Rachid Bouchareb l’a fait et bien fait. Ce cinéaste français au tempérament sensible et à la filmographie juste et citoyenne (Bâton Rouge, Cheb, Poussière de vie, Little Sénégal) a souvent puisé ses sujets à l’aune de sa propre vie, de ses souvenirs ou, simplement, d’instants importants du monde. Indigènes participe de ce même principe. Certes, Rachid Bouchareb est né en France, à Paris exactement, mais il puise aussi, et peut être avant tout, ses racines de l’autre côté de la Méditerranée, en Algérie précisément. Autant dire que ces soldats de l’Armée d’Afrique, ces fameux « indigènes » venus du Maghreb et de l’Afrique Noire, il les connaît bien. Ils sont ses aïeux, ses grands-pères, ses oncles… Il a donc, aujourd’hui, décidé de leur rendre hommage, de leur (re)donner vie tout simplement. Bien lui en a pris puisqu’il s’est vu honoré, à travers ses comédiens, du Prix d’interprétation masculine collectif au dernier Festival de Cannes.

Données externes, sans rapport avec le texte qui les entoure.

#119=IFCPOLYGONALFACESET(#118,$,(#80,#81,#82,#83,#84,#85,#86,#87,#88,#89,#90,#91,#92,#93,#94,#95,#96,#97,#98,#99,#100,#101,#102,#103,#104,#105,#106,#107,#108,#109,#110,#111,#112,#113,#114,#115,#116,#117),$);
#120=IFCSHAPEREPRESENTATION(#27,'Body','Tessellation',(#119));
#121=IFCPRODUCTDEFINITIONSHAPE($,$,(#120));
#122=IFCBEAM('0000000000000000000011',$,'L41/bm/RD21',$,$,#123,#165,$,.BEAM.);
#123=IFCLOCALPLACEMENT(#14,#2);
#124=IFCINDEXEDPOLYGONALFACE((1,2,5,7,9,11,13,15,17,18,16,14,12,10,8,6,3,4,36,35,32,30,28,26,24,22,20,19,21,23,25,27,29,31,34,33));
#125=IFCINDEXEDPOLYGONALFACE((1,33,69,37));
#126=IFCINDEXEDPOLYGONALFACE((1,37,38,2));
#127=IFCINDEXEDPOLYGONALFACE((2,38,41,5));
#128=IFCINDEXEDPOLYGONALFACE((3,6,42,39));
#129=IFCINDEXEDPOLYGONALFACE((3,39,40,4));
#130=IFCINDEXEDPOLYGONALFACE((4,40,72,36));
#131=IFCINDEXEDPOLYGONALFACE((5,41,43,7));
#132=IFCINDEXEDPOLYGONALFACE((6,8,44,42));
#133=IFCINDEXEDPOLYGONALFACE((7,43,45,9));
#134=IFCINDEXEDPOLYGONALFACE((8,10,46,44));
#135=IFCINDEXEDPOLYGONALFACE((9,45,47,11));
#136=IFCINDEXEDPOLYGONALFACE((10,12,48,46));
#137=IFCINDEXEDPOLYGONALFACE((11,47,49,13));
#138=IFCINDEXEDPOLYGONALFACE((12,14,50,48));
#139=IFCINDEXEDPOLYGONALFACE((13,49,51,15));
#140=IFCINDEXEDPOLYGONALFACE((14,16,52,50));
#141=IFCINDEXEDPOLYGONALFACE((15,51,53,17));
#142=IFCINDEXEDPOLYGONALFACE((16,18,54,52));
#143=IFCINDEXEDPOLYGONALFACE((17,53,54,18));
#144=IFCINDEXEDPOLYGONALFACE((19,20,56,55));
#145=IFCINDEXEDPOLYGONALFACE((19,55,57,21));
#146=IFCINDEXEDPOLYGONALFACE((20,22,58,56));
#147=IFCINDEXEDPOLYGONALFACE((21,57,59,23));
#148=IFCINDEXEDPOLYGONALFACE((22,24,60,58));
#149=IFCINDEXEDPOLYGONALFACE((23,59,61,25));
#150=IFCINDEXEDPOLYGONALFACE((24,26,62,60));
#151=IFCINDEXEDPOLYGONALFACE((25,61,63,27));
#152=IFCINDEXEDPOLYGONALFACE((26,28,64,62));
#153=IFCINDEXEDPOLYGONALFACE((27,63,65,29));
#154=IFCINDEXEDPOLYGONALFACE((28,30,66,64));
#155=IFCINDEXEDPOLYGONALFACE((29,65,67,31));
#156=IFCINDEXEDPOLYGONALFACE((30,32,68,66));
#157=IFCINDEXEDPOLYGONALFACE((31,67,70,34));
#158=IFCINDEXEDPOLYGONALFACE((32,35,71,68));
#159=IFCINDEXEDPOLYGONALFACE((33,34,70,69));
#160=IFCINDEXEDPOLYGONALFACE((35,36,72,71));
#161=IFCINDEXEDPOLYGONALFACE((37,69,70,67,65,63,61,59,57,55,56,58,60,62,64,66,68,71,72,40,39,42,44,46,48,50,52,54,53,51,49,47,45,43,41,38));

Le film, donc. Ils sont quatre soldats, plus un (on y reviendra), d’Algérie, de Tunisie, du Maroc, à s’être engagés pour venir défendre la France contre l’Allemagne nazie. C’est la première fois qu’ils quittent leurs terres, traversent la mer, mais ils le font parce qu’ils sont convaincus de la noblesse de leur mission, de l’impérieuse nécessité de sauver la mère-patrie. Avec eux, un sergent taciturne, bougon, mais qui se révèlera « concerné » par ses hommes. C’est que, lui-même, Martinez, est Pied-Noir. Et, à l’époque, il n’était pas beaucoup mieux loti que ces fameux « indigènes ». Face aux tracasseries des métropolitains, il saura se montrer juste et impartial. Et ils iront, de l’Italie à la Provence, des Vosges à l’Alsace, traîner leurs guêtres, leur barda et leur fusil pour qu’enfin la France puisse redevenir libre.

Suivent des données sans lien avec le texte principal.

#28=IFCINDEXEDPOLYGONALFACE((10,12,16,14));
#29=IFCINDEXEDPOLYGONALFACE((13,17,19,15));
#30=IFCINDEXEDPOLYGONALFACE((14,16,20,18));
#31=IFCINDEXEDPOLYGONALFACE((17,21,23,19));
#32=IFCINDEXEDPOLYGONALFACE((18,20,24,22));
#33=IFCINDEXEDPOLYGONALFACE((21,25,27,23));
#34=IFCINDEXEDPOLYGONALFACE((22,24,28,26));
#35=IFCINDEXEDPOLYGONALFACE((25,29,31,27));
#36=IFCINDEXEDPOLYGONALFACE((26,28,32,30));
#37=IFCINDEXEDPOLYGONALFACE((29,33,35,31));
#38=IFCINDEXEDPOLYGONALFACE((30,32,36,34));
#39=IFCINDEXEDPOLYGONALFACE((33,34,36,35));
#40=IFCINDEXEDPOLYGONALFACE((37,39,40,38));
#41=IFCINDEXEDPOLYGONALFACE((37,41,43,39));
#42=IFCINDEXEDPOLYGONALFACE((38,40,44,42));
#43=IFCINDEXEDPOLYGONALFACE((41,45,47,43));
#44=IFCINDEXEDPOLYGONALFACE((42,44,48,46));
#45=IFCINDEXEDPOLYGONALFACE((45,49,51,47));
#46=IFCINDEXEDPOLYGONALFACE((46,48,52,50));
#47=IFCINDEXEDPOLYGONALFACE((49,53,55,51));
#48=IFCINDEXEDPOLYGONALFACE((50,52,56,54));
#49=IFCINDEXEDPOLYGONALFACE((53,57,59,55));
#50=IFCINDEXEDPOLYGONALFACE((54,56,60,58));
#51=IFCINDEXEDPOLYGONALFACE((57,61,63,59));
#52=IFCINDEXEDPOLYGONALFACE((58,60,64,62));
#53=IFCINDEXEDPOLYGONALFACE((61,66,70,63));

Pour conter cette page d’histoire, Rachid Bouchareb s’est fait pédagogue et didactique, ce qui était nécessaire. Il n’a pas, non plus, oublié la dimension spectaculaire qu’il fallait donner à son film pour pouvoir l’adresser au grand public, comme il a aussi mis de son côté un atout supplémentaire : donner à ses soldats les visages de comédiens connus et fort appréciés des spectateurs français et maghrébins, jeunes en particulier. Et, pour la première fois, sont ainsi réunis Sami Bouajila, Roschdy Zem, Samy Naceri et, cerise sur le gâteau, Jamel Debbouze.
Gageons qu’Indigènes saura ouvrir la voie à d’autres metteurs en scène et qu’à l’instar des cinéastes américains avec le Vietnam par exemple, ils filmeront des parcours individuels tout en les inscrivant dans l’Histoire, la grande, celle avec la majuscule, pour permettre aux nouvelles générations de mieux aller de l’avant en ayant compris hier…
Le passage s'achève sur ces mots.